Wednesday, October 02, 2013

The Artist Within

This coming year looks so exciting for me in terms of the many projects that I will be organizing or be involved in. For the next few months I will literally have three full time jobs. I will be teaching Chamorro language and culture classes at UOG. I will be leading the writing team for the Guam Museum. Finally I will be coordinating a 3 year grant, totaling more than $600,000 to create a standardized text for teaching Chamorro at the college level. This is in addition to all the other many activities that I will be continuing. I may find it hard to even find time to play any SC2 before the end of the year.

One thing that has unfortunately suffered as I become more and more busy is my painting. For years I would have every couple of months marathon painting sessions, where I would paint for hours and cover the entire floors of apartments with paintings and often times paint splatters. I have a CAHA grant that I received to paint an image that combines the experiences of both Chamorros and Okinawans during World War II. I have started on this painting, but it has been difficult to find time to really enjoy it or finish it.

Art has always been something that has sustained me, even when so much in my life doesn't make sense or seems pointless. I have to make sure that I still find time for it in some form. The last time I had a solo art show as three years ago. It wasn't a large show, just in the former IP Coffee Shop in Mangilao, which is currently known as Ron's Diner. When I was interview by the Marianas Variety about the show I made clear the role that art and creating art has played for me in my life. I've pasted the article below.


Bevacqua: an activist, an artist
by Zita Taitano
May 7, 2010
The Marianas Variety
WHEN Michael Lujan Bevacqua is not engaged in social activism, he paints.

“At times being an activist can drain you.  Sometimes you don’t think you’re going anywhere,” said Bevacqua, who is holding a one-man show at the IP Coffee Shop in Mangilao. “I was an artist before I was an activist.  For me, we all have creativity in ourselves.  I still constantly use art to keep that creative part of my mind alive.”

Bevacqua’s exhibit, titled “Before The Storm After The Fire,” showcases 50 small abstract paintings inspired by Jackson Pollock.

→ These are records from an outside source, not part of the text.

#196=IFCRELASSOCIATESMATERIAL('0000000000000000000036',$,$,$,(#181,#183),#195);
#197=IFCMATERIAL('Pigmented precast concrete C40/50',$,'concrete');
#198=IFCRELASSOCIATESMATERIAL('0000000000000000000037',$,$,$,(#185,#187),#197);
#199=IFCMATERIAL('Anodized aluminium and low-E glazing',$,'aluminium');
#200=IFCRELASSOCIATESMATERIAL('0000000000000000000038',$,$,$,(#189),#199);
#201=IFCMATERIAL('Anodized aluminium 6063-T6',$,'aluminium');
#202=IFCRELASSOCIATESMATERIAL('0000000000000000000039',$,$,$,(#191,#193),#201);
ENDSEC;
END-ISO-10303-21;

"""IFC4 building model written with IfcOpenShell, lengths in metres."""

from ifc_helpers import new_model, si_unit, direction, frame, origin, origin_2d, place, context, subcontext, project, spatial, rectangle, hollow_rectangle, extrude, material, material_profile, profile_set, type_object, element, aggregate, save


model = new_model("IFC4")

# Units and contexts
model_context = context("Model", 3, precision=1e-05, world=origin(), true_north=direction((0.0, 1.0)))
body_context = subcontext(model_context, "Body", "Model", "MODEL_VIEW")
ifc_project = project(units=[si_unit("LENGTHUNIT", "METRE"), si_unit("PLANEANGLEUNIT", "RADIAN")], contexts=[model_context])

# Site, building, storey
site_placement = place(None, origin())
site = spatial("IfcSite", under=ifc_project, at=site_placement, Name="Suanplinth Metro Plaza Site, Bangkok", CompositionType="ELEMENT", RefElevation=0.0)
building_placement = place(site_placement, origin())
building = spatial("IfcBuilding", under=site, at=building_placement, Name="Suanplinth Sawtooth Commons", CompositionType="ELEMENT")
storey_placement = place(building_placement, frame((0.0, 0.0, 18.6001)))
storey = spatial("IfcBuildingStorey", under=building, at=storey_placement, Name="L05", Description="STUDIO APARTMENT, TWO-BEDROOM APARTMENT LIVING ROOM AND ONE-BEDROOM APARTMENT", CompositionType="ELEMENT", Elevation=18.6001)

His artworks, Bevacqua explained on his website, are all painted in a “drip style where the paint isn’t so much applied delicately with brushes, but rather splashed, splattered and dripped onto the canvas. The result is usually very abstract, but in the case of this show, I used that technique to try and portray different pioneers amongst the Chamorro people.”

“They’re very colorful.  I finish a piece and I come up with a name.  Since it’s abstract, I welcome people to see what they want in it,” Bevacqua said. “Some are landscapes and others are about colors and movement and motion. Some of them I’m trying to capture pieces of Chamorro history.”

And while the art is abstract, Bevacqua said they are done as monotype.

“That means you paint your painting on a glass or mirror. You take a sheet of paper you put it on top of what you painted. You get a roller and roll it on the paper and that’s your painting,” he said adding that it creates an element of uncertainty to the point where the painting could be ruined or come out fine.

For Bevacqua, painting is more of a hobby and a creative way to relax.

If there are any signs of activism in his artwork, Bevacqua said what he paints don’t really indicate he’s making a political statement.

“Political art is recognizable.  With mine, it’s the people finding their own message in the art,” he said.

The exhibit opening is from 5:30 to 8:30 p.m. and will be on display until it’s time to be taken down to make room for another artist.